During the summer this year CEDA welcomed 4 undergraduate students to take up summer studentships working alongside CEDA staff. During this time their work touched on data from three of the data centres operated by CEDA: the British Atmospheric Data Centre, NERC Earth Observation Data Centre and the UK Solar System Data Centre.
Three of these students were working together as part of a team lead by Esther Conway feeding into the ESA funded Long-Term Data Preservation (LTDP) project, while the forth worked within the UKSSDC.
Further details of their work are given below.
CEDA will be looking to make further opportunities available to students in the future and will make further announcements of such opportunities through the CEDA website and social media.
Each of the 4 students have made a significant contribution the work of the Centre for Environmental Data Archival (CEDA) in the last few months, for which CEDA would like to state their thanks.
The UK Solar System Data Centre has been collecting ionospheric data since 1957, and has built up an extensive archive of such data from the oldest records dating back to 1931 to data only a few minutes old. As a result, these data are available at varying levels of detail and in a variety of formats. In particular, the online access to these data has also altered gradually over the years, with different tools providing access to different subsets of ionospheric data.
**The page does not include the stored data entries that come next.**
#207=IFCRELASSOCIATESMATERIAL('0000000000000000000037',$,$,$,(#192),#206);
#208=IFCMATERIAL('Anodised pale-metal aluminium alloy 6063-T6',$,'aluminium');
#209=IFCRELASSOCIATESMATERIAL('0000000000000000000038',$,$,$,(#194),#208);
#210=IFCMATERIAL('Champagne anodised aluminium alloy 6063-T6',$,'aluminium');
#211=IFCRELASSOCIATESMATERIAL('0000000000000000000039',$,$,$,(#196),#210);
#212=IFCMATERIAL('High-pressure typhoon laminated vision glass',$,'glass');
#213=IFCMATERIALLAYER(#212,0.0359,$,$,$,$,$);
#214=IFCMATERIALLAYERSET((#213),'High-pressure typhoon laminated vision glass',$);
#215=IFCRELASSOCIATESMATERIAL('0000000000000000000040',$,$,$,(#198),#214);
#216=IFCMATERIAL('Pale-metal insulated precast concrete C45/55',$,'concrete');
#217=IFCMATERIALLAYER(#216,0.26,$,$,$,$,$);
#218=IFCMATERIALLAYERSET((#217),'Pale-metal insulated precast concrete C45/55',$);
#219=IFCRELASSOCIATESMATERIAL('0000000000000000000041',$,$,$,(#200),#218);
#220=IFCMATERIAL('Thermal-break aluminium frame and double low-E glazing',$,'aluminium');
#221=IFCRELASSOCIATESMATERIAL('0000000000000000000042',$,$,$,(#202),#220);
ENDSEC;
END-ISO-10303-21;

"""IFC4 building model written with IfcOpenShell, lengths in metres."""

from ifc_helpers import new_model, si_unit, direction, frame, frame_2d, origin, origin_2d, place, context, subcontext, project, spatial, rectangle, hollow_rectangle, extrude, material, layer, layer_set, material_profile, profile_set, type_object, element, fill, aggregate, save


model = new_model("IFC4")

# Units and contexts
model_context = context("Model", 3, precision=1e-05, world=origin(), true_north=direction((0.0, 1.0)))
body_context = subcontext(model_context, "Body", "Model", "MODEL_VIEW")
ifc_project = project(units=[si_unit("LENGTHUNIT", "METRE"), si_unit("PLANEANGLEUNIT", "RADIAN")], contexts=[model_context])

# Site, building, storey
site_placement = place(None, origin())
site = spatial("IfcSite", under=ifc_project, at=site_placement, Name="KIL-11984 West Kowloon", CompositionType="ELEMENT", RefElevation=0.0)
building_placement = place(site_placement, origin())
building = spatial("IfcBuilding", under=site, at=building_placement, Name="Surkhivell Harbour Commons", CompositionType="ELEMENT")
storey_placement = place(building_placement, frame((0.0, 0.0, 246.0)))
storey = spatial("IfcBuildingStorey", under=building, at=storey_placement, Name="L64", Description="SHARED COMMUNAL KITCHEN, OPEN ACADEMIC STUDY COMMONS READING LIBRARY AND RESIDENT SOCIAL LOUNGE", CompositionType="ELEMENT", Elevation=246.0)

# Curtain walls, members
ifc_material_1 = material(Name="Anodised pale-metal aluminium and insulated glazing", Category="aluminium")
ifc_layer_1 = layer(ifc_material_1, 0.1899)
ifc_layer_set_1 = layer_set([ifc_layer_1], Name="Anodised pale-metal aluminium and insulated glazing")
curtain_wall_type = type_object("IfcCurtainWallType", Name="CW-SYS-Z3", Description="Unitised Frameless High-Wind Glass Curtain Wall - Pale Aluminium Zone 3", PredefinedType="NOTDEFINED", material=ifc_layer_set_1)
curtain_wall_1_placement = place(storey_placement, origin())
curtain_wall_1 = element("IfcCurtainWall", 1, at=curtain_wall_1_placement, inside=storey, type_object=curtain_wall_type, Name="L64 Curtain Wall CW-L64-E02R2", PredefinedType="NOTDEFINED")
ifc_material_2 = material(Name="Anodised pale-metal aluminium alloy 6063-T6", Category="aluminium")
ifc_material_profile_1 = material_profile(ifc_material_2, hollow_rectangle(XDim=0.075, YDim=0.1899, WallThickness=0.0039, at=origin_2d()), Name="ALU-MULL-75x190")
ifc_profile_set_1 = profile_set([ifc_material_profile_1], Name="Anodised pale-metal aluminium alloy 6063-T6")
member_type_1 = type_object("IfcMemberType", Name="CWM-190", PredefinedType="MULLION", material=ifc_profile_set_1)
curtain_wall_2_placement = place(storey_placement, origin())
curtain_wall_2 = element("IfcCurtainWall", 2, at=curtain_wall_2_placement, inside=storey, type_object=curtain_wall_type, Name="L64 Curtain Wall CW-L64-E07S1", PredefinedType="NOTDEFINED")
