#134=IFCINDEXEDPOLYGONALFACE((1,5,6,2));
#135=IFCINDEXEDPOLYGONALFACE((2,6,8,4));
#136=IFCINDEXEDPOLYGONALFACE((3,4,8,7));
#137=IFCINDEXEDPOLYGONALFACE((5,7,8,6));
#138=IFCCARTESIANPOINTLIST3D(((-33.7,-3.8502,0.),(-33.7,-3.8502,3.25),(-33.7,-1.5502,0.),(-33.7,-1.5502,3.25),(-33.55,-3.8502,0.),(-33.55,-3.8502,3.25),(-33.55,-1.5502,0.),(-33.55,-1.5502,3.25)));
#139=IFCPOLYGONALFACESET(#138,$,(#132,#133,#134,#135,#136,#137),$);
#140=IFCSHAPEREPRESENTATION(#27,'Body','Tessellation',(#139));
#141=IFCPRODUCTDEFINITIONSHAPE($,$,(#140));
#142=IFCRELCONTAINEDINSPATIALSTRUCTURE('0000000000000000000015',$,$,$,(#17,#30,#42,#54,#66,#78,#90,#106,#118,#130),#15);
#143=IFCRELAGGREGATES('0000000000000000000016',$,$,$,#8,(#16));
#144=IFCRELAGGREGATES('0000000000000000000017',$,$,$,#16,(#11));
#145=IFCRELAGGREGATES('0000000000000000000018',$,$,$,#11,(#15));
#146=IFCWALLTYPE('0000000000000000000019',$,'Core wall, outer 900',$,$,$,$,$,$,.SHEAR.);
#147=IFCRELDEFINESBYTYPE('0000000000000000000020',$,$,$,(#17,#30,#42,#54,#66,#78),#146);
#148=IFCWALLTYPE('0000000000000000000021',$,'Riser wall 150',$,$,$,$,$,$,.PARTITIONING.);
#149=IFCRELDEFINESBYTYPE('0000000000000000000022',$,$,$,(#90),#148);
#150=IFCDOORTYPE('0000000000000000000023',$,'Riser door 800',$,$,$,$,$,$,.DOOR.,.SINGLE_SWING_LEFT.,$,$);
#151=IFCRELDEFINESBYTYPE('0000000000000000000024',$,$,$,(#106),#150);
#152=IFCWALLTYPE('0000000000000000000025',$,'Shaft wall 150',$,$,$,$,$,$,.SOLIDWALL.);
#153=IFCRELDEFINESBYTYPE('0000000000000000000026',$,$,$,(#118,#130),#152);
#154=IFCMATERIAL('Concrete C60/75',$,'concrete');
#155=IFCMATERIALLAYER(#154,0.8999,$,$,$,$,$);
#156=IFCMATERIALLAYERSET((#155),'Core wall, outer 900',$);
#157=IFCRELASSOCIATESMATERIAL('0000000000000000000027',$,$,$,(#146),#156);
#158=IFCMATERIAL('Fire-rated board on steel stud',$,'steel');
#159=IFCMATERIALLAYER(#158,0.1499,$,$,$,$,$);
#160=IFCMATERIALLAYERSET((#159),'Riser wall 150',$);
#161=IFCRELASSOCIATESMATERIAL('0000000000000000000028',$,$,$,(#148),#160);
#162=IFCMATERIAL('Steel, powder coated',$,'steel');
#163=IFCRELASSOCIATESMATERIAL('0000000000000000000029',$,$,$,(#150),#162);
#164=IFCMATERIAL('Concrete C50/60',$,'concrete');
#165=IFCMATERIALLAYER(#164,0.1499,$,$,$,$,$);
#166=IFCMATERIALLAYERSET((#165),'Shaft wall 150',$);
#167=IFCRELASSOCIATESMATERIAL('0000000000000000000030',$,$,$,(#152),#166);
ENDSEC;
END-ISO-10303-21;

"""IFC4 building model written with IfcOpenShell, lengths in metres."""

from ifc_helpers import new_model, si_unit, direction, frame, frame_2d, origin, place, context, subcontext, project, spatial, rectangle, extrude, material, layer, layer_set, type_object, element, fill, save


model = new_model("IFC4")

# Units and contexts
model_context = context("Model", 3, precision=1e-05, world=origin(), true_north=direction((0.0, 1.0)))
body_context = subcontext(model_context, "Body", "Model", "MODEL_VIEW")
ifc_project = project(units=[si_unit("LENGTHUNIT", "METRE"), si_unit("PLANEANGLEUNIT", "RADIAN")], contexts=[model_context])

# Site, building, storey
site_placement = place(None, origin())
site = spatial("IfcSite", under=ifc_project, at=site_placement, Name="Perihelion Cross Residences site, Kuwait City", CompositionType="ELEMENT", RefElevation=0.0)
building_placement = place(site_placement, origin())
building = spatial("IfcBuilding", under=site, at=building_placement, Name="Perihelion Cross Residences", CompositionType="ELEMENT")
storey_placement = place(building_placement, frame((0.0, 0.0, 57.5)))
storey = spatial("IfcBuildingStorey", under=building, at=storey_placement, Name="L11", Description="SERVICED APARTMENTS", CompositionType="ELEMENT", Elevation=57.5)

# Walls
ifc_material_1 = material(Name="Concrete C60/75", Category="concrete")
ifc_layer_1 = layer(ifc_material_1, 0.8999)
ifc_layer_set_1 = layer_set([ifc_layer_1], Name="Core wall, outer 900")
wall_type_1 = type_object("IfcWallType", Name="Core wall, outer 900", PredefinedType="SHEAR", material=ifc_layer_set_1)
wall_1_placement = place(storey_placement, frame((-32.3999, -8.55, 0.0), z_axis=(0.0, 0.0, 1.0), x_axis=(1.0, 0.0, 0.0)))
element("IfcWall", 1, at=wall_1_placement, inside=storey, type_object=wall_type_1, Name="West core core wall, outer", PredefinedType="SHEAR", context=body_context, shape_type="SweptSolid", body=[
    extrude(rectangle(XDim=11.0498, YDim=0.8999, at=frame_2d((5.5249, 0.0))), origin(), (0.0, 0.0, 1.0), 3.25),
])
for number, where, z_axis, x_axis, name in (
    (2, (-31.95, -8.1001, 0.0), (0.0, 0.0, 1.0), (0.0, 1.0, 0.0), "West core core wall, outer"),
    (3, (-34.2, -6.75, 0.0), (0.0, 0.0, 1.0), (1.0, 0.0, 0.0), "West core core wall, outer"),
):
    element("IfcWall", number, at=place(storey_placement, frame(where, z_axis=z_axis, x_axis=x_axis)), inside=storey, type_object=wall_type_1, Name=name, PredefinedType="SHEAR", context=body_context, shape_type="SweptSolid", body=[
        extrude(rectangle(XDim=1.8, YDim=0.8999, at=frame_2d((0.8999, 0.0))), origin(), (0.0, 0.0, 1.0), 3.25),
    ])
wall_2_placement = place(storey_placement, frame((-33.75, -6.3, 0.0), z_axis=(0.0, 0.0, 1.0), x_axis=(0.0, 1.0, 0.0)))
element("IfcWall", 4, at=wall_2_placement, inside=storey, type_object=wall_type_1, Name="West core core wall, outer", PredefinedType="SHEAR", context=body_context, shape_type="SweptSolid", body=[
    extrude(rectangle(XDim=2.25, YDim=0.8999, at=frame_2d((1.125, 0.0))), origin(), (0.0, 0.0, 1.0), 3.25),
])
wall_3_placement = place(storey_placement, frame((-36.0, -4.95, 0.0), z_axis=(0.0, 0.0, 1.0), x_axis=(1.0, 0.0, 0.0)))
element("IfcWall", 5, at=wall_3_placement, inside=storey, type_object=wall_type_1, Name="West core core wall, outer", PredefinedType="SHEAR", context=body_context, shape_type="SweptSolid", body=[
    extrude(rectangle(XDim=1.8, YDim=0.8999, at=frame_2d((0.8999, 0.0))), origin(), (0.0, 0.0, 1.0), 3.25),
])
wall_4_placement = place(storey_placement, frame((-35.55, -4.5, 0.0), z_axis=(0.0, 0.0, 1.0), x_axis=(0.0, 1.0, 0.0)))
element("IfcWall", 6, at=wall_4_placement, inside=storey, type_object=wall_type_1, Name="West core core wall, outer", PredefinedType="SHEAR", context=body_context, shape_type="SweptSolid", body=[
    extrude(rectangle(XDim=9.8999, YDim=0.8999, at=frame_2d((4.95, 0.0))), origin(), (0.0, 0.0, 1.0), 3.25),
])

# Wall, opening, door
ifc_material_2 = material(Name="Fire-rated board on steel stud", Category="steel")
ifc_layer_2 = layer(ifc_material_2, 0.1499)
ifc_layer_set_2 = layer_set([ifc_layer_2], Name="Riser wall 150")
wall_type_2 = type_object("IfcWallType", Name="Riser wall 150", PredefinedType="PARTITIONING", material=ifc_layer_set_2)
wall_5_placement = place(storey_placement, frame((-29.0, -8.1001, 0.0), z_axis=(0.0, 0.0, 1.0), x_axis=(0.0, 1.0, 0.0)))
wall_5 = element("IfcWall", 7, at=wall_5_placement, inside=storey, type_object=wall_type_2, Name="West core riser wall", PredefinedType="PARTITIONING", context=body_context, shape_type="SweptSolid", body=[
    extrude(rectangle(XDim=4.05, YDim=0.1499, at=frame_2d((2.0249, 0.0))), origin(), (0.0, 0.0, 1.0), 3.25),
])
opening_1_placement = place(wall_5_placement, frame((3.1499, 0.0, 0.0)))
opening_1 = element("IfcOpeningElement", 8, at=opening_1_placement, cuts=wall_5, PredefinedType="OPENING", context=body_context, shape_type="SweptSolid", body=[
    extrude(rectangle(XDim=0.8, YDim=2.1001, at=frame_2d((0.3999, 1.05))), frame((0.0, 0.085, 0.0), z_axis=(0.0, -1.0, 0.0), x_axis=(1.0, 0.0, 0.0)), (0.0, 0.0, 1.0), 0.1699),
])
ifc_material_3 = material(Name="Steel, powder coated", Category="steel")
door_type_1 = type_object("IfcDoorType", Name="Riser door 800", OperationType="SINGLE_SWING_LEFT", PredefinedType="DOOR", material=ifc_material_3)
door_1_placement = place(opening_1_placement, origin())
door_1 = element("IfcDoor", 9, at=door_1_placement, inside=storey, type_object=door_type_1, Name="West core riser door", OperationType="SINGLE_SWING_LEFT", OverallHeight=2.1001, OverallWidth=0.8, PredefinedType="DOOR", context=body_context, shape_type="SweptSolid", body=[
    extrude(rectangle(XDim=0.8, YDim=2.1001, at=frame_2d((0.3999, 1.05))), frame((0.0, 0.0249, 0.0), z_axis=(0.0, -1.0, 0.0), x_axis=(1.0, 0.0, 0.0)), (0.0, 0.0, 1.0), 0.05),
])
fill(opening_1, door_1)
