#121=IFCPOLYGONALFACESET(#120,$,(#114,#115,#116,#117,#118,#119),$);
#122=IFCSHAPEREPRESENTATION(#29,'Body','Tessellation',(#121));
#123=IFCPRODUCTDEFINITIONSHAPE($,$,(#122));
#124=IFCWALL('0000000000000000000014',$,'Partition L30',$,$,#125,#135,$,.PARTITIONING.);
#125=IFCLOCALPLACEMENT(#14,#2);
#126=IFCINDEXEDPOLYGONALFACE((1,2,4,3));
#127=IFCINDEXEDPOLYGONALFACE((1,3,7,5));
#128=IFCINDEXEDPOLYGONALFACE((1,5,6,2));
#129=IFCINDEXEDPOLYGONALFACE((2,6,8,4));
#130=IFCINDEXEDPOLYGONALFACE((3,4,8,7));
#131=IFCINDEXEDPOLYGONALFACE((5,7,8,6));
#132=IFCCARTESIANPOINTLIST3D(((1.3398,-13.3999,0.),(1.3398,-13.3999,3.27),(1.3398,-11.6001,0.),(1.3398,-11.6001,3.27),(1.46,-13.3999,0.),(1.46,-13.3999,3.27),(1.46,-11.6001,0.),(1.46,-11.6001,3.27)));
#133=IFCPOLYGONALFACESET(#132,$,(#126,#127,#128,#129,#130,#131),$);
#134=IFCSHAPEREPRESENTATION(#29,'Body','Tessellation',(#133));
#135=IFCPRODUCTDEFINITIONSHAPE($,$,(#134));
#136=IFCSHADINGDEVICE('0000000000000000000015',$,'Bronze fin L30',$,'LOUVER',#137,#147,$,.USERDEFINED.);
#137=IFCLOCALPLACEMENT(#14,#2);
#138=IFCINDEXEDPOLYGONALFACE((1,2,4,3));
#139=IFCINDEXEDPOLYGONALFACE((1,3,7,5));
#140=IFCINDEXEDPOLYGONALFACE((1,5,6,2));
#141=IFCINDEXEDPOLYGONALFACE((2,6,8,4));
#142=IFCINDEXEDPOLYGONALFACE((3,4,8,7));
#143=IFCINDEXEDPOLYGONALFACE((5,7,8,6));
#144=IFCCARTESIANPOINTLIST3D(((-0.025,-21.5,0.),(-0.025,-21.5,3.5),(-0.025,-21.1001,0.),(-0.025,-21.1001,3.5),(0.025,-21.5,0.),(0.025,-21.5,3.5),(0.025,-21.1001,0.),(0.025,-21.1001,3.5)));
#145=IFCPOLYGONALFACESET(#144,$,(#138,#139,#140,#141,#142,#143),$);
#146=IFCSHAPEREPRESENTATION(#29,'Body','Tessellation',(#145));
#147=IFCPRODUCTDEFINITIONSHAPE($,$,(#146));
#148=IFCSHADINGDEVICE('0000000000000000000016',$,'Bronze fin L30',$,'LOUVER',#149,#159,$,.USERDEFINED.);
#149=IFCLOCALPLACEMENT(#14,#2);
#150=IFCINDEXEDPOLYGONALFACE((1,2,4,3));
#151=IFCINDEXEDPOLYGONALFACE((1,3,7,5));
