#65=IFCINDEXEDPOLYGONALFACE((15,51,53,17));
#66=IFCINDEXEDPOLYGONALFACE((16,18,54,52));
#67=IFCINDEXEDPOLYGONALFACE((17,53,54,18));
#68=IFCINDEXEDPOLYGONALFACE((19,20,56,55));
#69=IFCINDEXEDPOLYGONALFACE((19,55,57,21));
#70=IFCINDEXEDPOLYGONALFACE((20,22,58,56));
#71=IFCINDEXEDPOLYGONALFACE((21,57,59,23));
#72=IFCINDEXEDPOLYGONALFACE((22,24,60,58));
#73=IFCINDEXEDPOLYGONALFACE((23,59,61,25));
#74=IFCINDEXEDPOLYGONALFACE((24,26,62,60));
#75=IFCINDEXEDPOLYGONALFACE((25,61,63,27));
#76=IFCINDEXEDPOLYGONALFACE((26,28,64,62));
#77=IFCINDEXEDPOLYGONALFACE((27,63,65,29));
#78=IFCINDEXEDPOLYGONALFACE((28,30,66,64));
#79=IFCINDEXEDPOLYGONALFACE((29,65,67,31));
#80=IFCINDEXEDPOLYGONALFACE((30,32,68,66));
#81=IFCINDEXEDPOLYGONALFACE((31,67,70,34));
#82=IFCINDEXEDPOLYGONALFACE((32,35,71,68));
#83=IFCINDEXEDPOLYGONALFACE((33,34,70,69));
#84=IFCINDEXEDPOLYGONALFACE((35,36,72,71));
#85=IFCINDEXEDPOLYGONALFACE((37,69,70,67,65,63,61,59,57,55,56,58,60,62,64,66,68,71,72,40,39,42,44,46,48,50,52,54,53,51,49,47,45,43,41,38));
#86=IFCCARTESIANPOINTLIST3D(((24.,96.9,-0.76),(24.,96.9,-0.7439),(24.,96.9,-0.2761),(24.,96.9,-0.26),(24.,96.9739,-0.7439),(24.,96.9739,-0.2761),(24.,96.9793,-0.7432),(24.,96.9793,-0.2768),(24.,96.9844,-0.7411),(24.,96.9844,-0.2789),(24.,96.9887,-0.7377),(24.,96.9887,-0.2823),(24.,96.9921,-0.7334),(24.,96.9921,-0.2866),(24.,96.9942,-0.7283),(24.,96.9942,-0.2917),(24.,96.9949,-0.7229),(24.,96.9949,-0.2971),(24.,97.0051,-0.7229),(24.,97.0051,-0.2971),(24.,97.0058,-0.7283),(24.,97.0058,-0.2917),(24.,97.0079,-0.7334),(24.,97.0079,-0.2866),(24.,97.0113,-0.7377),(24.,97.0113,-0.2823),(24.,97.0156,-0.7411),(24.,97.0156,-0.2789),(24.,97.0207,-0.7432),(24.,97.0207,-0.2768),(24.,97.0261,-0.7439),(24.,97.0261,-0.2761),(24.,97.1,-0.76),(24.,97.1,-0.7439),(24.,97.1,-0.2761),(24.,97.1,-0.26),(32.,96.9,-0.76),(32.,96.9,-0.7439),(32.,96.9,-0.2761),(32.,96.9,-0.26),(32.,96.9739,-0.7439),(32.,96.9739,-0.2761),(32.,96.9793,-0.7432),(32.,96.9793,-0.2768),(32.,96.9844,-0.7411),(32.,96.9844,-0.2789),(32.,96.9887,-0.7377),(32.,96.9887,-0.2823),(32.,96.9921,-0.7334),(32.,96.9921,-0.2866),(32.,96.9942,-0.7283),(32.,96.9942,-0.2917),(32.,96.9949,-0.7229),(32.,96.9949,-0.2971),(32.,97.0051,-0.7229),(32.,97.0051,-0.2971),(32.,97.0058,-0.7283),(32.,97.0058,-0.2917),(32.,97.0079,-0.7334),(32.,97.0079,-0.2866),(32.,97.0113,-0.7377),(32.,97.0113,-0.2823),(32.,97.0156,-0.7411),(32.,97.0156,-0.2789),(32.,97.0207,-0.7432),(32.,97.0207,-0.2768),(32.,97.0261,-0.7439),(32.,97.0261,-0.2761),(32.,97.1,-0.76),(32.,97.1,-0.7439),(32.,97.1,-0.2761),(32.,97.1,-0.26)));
Physics undergraduate James Parkinson joined the UKSSDC for the summer to work on a project to improve the online access to ionospheric data for UKSSDC users. James quick came to grips with the data and the web services and, with a fresh pair of eyes on the situation, began with a thorough assessment of the existing provision. During the course of his work James worked up the design of a new interface to bring together ionospheric data services in one place and even implemented some of the new code that will be needed to make it operational – a very impressive feat given the short duration of the project!
CEDA’s Esther Conway brought together these three summer placement students this summer to work on the ESA funded “Long Term Data Preservation” project with the aim of carrying out an archive wide format review. This was no small task for the team given the scale (both in size and number of files) and breadth of the BADC and NEODC holdings built up over a number of decades, during which the archive had developed in a very heterogeneous and organic fashion. As a consequence a manual inspection of the archive wasn’t practical and simple off-the-shelf solutions were not available to the team. Coming to grips with the task ahead the team worked alongside members of the CEDA team to scope out and develop a way to sort through the huge mass of data with little or no format documentation.
Building on earlier attempts by CEDA to get a handle on the plethora of formats in the CEDA archive, Charlie set to work developing what would eventually become the HEFTI (Helping Environmental Formats Through Identification) software. Building up from a script that initially followed conventional methods of just checking file extensions, Charlie went on to develop other diagnostic methods used by the HEFTI software. These were required as the file extensions were often found to have been utilised to store information about the parameters or instrument names (for example) as opposed to the format of the data. Instead, Charlie developed the system to make use of additional information found by other members of the team, either by determining patterns within filenames themselves or, more usefully, determining the format’s “magic number” within the first few bytes of a file that would help fingerprint the format used.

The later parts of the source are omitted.